Johnson v. Apj Properties, LLC, 040518 FED6, 17-1970
|Opinion Judge:||JOHN K. BUSH, CIRCUIT JUDGE.|
|Party Name:||ELDON E. JOHNSON, Trustee of the Pamela B. Johnson Trust, Plaintiff-Appellant, v. APJ PROPERTIES, LLC, a Michigan limited liability company, Defendant-Appellee.|
|Judge Panel:||BEFORE: COLE, Chief Judge; WHITE and BUSH, Circuit Judges.|
|Case Date:||April 05, 2018|
|Court:||United States Courts of Appeals, Court of Appeals for the Sixth Circuit|
NOT RECOMMENDED FOR PUBLICATION
ON APPEAL FROM THE UNITED STATES DISTRICT COURT FOR THE WESTERN DISTRICT OF MICHIGAN
BEFORE: COLE, Chief Judge; WHITE and BUSH, Circuit Judges.
JOHN K. BUSH, CIRCUIT JUDGE.
Good easements do not always make good neighbors. And, as the present case makes clear, neither does sharing a bucolic lakeshore in the northern reaches of Michigan. Defendant APJ Properties, LLC ("APJ"), and the Pamela B. Johnson Trust (the "Trust"), 1 neighboring landowners on Round Lake in Charlevoix, Michigan, have sparred in court for more than a decade. Today we decide whether, through annexation of additional land to its property, the dominant estate, APJ has exceeded the scope of a prescriptive easement appurtenant that burdens the Trust's property for the benefit of APJ's property. Fatal to the Trust's claim is that it fails to allege that this annexation has led to any actual increase in or modification to APJ's use of the easement. We therefore affirm the district court's dismissal of the Trust's complaint for failure to state a claim.

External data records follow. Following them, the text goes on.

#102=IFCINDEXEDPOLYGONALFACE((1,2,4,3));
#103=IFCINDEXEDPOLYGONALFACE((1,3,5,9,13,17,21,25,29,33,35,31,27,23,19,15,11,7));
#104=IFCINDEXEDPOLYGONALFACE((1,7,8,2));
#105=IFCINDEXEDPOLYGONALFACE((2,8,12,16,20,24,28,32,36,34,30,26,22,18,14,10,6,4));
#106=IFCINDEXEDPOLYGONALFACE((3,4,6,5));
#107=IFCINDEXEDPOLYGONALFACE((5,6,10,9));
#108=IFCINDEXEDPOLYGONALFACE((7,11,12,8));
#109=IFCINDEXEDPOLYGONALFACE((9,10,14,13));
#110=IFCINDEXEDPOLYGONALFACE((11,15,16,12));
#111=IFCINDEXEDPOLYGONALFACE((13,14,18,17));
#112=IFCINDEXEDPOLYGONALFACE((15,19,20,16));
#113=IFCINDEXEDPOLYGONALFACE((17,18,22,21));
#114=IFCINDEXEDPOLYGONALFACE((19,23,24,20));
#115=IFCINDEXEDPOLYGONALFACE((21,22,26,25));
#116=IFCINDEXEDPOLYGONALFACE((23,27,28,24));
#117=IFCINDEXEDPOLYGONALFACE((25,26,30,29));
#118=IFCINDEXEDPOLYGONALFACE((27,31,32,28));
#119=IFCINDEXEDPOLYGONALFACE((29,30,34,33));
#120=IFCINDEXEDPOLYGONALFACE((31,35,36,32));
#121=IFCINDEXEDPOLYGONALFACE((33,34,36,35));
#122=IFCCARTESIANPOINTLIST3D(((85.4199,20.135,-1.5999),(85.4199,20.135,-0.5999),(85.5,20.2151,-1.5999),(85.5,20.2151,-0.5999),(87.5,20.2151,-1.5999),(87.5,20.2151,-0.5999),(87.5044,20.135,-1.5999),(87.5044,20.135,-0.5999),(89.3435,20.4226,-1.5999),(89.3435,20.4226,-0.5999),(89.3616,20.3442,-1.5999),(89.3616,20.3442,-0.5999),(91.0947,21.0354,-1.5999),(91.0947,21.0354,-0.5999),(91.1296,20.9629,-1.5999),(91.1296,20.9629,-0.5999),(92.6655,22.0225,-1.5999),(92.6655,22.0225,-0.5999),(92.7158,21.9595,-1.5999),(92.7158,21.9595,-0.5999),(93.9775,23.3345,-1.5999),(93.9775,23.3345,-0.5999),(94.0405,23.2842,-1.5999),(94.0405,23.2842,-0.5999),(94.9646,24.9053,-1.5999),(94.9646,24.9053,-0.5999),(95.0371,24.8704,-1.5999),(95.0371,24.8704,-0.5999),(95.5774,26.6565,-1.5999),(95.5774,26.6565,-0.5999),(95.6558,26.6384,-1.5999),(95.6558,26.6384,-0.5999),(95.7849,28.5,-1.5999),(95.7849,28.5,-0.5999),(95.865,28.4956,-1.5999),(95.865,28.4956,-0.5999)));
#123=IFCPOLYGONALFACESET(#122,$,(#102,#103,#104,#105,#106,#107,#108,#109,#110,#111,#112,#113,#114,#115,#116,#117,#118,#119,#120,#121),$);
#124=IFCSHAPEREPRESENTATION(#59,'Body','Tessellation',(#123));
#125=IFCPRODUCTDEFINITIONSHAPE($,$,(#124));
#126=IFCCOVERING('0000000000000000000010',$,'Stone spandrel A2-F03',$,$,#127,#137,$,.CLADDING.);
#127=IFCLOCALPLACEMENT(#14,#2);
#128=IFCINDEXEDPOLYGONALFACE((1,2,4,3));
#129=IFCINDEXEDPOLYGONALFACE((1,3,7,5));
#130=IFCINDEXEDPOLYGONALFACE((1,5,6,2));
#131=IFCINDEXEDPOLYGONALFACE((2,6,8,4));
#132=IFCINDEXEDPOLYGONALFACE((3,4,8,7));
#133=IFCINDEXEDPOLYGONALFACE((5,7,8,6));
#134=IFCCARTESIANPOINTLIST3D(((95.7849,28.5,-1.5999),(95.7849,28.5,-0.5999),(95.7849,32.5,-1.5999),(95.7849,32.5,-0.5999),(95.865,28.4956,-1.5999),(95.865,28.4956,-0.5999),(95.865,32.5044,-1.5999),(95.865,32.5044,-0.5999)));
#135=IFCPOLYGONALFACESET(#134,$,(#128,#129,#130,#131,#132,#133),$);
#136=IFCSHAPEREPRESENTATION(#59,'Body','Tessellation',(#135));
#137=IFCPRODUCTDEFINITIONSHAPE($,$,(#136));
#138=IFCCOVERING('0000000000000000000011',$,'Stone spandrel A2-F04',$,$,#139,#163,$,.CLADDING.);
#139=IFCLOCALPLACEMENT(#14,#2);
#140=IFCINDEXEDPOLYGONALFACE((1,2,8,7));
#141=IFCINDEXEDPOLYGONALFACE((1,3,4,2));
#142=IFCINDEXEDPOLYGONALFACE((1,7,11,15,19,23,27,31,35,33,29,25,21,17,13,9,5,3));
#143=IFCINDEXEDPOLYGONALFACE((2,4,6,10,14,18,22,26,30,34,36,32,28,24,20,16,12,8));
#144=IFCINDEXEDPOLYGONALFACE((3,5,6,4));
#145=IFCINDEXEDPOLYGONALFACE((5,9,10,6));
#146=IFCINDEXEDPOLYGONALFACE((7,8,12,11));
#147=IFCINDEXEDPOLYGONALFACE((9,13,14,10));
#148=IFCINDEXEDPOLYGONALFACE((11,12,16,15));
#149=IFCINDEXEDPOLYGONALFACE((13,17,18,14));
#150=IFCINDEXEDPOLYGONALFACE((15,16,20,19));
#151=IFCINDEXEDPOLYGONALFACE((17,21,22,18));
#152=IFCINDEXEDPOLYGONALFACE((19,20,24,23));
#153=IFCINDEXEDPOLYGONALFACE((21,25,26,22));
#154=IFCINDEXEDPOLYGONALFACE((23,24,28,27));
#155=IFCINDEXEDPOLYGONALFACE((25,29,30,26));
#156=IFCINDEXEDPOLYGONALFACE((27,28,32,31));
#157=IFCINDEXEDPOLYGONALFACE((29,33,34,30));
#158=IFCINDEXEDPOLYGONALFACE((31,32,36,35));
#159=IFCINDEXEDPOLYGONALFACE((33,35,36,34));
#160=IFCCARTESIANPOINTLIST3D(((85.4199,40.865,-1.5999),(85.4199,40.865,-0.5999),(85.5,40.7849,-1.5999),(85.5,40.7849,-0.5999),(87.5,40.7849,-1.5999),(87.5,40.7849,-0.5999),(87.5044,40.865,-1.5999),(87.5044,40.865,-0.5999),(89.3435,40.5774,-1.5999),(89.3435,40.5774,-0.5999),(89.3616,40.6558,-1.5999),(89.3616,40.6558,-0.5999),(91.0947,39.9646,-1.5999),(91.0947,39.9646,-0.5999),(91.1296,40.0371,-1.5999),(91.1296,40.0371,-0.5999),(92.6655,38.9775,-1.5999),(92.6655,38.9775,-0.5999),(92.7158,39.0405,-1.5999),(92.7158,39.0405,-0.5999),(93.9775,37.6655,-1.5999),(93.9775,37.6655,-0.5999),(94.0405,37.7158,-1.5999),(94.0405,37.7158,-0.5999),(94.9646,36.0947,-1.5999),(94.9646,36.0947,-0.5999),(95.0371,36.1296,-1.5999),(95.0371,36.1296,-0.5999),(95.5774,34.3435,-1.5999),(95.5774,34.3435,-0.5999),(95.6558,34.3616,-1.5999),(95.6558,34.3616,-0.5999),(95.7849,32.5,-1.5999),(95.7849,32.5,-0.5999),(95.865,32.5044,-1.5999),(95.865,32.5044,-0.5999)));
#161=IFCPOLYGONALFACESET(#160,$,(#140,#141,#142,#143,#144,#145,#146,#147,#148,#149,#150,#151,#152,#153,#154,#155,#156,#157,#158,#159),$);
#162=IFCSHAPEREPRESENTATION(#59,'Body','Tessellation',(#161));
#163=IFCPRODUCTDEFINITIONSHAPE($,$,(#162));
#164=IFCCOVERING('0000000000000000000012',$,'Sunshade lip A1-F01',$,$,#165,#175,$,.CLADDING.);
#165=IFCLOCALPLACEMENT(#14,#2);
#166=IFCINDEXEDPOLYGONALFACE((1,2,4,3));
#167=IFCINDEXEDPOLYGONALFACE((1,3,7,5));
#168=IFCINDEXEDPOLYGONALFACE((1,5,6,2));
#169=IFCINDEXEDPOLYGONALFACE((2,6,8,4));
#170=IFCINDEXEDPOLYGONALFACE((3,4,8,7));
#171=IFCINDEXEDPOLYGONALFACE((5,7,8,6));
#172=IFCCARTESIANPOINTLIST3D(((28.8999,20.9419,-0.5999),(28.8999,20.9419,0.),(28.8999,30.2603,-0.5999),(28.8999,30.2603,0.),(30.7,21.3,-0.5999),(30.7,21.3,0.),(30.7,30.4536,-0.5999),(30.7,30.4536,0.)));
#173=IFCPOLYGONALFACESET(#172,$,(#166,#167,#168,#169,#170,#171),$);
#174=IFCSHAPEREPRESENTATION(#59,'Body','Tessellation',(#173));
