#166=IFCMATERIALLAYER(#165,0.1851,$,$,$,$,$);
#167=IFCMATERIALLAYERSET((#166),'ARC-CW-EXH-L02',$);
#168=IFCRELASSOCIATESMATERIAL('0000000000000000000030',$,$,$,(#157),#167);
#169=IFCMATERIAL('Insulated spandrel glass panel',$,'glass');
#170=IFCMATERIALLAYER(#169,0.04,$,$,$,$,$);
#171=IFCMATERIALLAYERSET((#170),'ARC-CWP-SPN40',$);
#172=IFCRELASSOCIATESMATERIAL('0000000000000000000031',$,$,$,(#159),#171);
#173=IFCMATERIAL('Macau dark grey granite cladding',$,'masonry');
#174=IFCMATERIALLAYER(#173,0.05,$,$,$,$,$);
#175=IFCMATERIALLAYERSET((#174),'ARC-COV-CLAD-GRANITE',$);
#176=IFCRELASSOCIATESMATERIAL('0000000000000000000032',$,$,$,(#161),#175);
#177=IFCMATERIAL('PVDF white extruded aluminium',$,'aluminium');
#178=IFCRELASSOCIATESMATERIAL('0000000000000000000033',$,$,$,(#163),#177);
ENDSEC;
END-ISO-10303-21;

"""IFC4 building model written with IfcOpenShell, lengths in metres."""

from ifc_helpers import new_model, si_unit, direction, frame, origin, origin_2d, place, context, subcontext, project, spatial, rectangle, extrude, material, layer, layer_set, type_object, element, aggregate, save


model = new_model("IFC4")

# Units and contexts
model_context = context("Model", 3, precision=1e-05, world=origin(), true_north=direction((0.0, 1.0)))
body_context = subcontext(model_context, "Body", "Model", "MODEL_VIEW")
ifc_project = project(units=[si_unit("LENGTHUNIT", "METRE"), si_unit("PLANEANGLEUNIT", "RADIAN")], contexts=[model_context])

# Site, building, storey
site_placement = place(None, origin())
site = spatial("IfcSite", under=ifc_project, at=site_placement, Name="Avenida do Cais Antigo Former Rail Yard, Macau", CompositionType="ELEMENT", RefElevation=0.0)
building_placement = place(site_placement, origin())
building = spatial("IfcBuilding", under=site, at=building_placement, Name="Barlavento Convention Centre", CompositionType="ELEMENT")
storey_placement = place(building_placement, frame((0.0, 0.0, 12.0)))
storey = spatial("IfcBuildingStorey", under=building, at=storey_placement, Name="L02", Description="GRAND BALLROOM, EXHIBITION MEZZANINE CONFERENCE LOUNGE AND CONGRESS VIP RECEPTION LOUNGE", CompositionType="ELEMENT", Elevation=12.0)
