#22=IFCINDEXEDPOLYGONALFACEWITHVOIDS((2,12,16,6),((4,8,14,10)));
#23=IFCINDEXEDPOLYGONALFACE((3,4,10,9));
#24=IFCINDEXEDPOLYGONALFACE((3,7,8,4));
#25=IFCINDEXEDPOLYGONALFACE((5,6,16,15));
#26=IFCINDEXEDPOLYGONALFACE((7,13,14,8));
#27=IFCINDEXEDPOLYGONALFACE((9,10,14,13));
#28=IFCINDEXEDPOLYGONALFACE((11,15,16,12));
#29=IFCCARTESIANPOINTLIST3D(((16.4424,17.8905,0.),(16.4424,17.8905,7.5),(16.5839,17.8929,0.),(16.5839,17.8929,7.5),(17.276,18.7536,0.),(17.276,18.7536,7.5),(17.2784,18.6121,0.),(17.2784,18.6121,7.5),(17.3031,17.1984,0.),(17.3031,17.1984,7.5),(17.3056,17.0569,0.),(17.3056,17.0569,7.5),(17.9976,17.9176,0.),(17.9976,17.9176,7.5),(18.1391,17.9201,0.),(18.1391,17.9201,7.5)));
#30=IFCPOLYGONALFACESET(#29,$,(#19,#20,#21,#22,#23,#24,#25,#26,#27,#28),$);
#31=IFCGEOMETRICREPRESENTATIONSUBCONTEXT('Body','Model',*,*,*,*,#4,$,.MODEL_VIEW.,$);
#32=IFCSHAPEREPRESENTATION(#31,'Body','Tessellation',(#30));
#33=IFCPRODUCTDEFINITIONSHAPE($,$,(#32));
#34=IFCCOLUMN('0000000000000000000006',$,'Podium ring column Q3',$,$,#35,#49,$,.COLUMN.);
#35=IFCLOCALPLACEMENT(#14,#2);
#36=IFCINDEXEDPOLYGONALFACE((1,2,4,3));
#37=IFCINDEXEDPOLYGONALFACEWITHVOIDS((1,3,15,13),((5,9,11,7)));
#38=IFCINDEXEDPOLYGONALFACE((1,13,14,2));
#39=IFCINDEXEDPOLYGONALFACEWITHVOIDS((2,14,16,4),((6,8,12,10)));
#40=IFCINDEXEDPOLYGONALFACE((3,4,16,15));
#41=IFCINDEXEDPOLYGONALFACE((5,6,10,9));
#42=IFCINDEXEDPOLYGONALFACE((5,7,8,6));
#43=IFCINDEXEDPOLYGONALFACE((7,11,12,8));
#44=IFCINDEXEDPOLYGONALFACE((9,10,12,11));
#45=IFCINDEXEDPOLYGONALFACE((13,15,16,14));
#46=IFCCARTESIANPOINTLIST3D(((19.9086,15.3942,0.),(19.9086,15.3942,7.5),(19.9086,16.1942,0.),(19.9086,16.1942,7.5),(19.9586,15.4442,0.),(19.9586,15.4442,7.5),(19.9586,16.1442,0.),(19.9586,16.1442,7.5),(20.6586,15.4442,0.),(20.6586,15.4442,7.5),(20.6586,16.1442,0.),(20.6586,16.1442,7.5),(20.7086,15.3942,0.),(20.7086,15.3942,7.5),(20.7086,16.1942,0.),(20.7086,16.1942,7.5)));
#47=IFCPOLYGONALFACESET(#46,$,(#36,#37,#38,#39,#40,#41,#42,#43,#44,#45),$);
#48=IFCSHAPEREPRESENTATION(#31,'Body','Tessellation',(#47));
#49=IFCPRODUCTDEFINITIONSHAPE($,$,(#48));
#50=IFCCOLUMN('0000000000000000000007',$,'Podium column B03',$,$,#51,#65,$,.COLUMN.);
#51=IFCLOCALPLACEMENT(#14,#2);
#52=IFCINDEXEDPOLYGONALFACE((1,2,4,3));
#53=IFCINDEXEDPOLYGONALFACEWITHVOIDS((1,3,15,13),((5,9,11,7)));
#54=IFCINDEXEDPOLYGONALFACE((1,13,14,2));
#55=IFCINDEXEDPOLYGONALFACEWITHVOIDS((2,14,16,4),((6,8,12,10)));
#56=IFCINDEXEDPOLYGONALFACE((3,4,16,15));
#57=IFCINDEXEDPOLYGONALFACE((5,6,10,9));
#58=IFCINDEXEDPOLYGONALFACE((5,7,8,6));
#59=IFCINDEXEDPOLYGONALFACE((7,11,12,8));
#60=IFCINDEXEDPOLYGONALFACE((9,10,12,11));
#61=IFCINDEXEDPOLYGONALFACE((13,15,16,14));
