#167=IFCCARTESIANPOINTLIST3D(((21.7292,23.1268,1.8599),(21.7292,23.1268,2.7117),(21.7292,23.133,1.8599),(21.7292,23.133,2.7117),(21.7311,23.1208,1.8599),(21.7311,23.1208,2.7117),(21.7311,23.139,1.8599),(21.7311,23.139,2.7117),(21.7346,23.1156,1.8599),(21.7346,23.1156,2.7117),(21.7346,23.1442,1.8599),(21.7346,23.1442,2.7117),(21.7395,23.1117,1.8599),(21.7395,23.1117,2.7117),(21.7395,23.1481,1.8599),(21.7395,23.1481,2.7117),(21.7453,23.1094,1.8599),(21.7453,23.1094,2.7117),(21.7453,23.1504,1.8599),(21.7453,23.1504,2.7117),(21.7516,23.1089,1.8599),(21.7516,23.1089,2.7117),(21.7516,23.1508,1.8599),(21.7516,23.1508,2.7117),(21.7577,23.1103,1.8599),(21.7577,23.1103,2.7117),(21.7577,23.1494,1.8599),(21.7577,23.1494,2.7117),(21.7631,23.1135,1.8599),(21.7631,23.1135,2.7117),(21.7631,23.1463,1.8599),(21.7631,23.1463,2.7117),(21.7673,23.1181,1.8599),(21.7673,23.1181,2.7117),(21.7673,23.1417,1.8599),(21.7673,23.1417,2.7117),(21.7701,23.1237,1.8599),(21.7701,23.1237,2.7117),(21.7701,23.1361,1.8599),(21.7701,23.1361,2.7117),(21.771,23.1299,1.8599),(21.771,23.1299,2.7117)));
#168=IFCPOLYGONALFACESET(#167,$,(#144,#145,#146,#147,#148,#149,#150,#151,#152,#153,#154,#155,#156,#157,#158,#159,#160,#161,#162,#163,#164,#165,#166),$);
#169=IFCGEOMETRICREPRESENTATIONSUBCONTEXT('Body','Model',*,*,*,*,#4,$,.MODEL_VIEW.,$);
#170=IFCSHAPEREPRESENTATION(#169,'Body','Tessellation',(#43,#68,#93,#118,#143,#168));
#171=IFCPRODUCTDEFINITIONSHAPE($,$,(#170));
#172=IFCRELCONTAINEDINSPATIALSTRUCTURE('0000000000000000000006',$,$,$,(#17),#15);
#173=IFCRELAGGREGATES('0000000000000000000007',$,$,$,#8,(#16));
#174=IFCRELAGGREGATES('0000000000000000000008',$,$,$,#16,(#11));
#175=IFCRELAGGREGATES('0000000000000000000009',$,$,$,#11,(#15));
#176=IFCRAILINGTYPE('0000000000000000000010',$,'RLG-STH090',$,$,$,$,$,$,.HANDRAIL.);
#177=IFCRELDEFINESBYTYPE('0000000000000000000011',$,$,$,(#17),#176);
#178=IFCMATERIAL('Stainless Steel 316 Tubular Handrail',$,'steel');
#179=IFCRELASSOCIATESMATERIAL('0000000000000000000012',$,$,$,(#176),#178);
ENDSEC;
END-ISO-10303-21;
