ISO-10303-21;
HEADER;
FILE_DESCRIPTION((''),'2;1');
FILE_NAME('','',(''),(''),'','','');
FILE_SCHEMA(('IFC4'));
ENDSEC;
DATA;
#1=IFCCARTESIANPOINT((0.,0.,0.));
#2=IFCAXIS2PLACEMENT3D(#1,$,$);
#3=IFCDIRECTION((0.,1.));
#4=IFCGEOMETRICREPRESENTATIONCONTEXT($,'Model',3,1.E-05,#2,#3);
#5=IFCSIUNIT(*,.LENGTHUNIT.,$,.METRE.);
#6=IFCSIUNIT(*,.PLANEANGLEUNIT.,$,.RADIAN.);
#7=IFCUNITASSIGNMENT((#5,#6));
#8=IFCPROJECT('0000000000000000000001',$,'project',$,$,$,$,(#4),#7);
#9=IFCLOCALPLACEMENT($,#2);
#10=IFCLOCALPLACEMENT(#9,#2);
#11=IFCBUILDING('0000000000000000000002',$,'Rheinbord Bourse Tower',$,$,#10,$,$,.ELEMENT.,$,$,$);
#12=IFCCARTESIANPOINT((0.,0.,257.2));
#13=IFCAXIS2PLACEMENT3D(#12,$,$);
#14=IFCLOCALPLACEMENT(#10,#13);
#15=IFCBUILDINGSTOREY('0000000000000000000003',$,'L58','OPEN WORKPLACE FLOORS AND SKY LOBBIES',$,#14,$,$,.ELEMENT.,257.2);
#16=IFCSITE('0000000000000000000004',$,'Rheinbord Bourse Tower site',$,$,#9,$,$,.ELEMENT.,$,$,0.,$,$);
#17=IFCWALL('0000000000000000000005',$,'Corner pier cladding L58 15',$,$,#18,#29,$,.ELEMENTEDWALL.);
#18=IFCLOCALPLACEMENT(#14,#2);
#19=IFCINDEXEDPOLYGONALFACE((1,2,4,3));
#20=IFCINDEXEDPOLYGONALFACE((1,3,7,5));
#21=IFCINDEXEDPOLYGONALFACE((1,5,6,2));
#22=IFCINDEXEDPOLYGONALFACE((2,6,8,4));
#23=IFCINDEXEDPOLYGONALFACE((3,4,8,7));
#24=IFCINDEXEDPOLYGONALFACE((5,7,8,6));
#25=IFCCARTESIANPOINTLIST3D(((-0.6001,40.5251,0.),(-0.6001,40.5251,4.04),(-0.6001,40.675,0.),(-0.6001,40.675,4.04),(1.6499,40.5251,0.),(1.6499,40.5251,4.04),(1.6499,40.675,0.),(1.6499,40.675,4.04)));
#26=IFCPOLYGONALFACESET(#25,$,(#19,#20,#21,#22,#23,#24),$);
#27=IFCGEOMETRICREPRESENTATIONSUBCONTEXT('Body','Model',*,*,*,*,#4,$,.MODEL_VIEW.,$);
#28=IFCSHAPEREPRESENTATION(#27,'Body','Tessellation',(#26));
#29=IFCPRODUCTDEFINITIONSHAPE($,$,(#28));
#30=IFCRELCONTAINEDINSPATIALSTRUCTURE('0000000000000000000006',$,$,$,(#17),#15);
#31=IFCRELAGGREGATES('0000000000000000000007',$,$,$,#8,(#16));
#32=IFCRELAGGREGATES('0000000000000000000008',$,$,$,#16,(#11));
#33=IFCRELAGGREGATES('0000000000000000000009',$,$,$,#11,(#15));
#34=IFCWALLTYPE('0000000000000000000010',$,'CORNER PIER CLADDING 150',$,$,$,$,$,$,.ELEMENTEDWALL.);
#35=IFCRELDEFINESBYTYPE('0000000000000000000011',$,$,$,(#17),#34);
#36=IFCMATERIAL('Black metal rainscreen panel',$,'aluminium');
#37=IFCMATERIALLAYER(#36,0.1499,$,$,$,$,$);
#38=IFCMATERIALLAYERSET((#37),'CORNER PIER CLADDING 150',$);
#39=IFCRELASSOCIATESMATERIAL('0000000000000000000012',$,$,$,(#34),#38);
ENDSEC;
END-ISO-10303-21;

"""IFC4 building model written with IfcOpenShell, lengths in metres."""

from ifc_helpers import new_model, si_unit, direction, frame, frame_2d, origin, place, context, subcontext, project, spatial, rectangle, extrude, material, layer, layer_set, type_object, element, save


model = new_model("IFC4")

# Units and contexts
model_context = context("Model", 3, precision=1e-05, world=origin(), true_north=direction((0.0, 1.0)))
body_context = subcontext(model_context, "Body", "Model", "MODEL_VIEW")
ifc_project = project(units=[si_unit("LENGTHUNIT", "METRE"), si_unit("PLANEANGLEUNIT", "RADIAN")], contexts=[model_context])

# Site, building, storey
site_placement = place(None, origin())
site = spatial("IfcSite", under=ifc_project, at=site_placement, Name="Rheinbord Bourse Tower site", CompositionType="ELEMENT", RefElevation=0.0)
building_placement = place(site_placement, origin())
building = spatial("IfcBuilding", under=site, at=building_placement, Name="Rheinbord Bourse Tower", CompositionType="ELEMENT")
storey_placement = place(building_placement, frame((0.0, 0.0, 257.2)))
storey = spatial("IfcBuildingStorey", under=building, at=storey_placement, Name="L58", Description="OPEN WORKPLACE FLOORS AND SKY LOBBIES", CompositionType="ELEMENT", Elevation=257.2)

# Wall
ifc_material_1 = material(Name="Black metal rainscreen panel", Category="aluminium")
ifc_layer_1 = layer(ifc_material_1, 0.1499)
ifc_layer_set_1 = layer_set([ifc_layer_1], Name="CORNER PIER CLADDING 150")
wall_type = type_object("IfcWallType", Name="CORNER PIER CLADDING 150", PredefinedType="ELEMENTEDWALL", material=ifc_layer_set_1)
wall_1_placement = place(storey_placement, frame((1.6499, 40.6001, 0.0), z_axis=(0.0, 0.0, 1.0), x_axis=(-1.0, 0.0, 0.0)))
element("IfcWall", 1, at=wall_1_placement, inside=storey, type_object=wall_type, Name="Corner pier cladding L58 15", PredefinedType="ELEMENTEDWALL", context=body_context, shape_type="SweptSolid", body=[
    extrude(rectangle(XDim=2.25, YDim=0.1499, at=frame_2d((1.125, 0.0))), origin(), (0.0, 0.0, 1.0), 4.04),
])

save(model, "model.ifc")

APJ owns 304 East Dixon Avenue. APJ's neighbor is the Trust, which owns 306 East Dixon. Formerly to the west of 304 East Dixon was 300 East Dixon, a plot of land that APJ also owned but that APJ annexed to 304 East Dixon in 2010 to create a larger, unified 304 East Dixon. And to the west of that was yet another parcel of land also owned by APJ, 212 East Dixon.
In 2003, APJ successfully sued the Trust to establish a prescriptive easement over a two-track path that cuts along the littoral southern boundary of the parties' properties. The scope of APJ's easement over 306 East Dixon is coterminous with the easement's "historical use as reflected in the [Michigan state court records], which includes, but [is] not limited to[, ] motor vehicle traffic, foot traffic and nonmotorized vehicle traffic."
APJ annexed 300 East Dixon in 2010 and constructed a boathouse on the newly combined parcel in 2011, prompting the Trust to sue APJ in state court. The Trust claimed that use of the easement by APJ's construction vehicles exceeded the easement's historically established scope. The suit was dismissed after a bench trial, the Michigan Court of Appeals affirmed the dismissal, and the Michigan Supreme Court declined review.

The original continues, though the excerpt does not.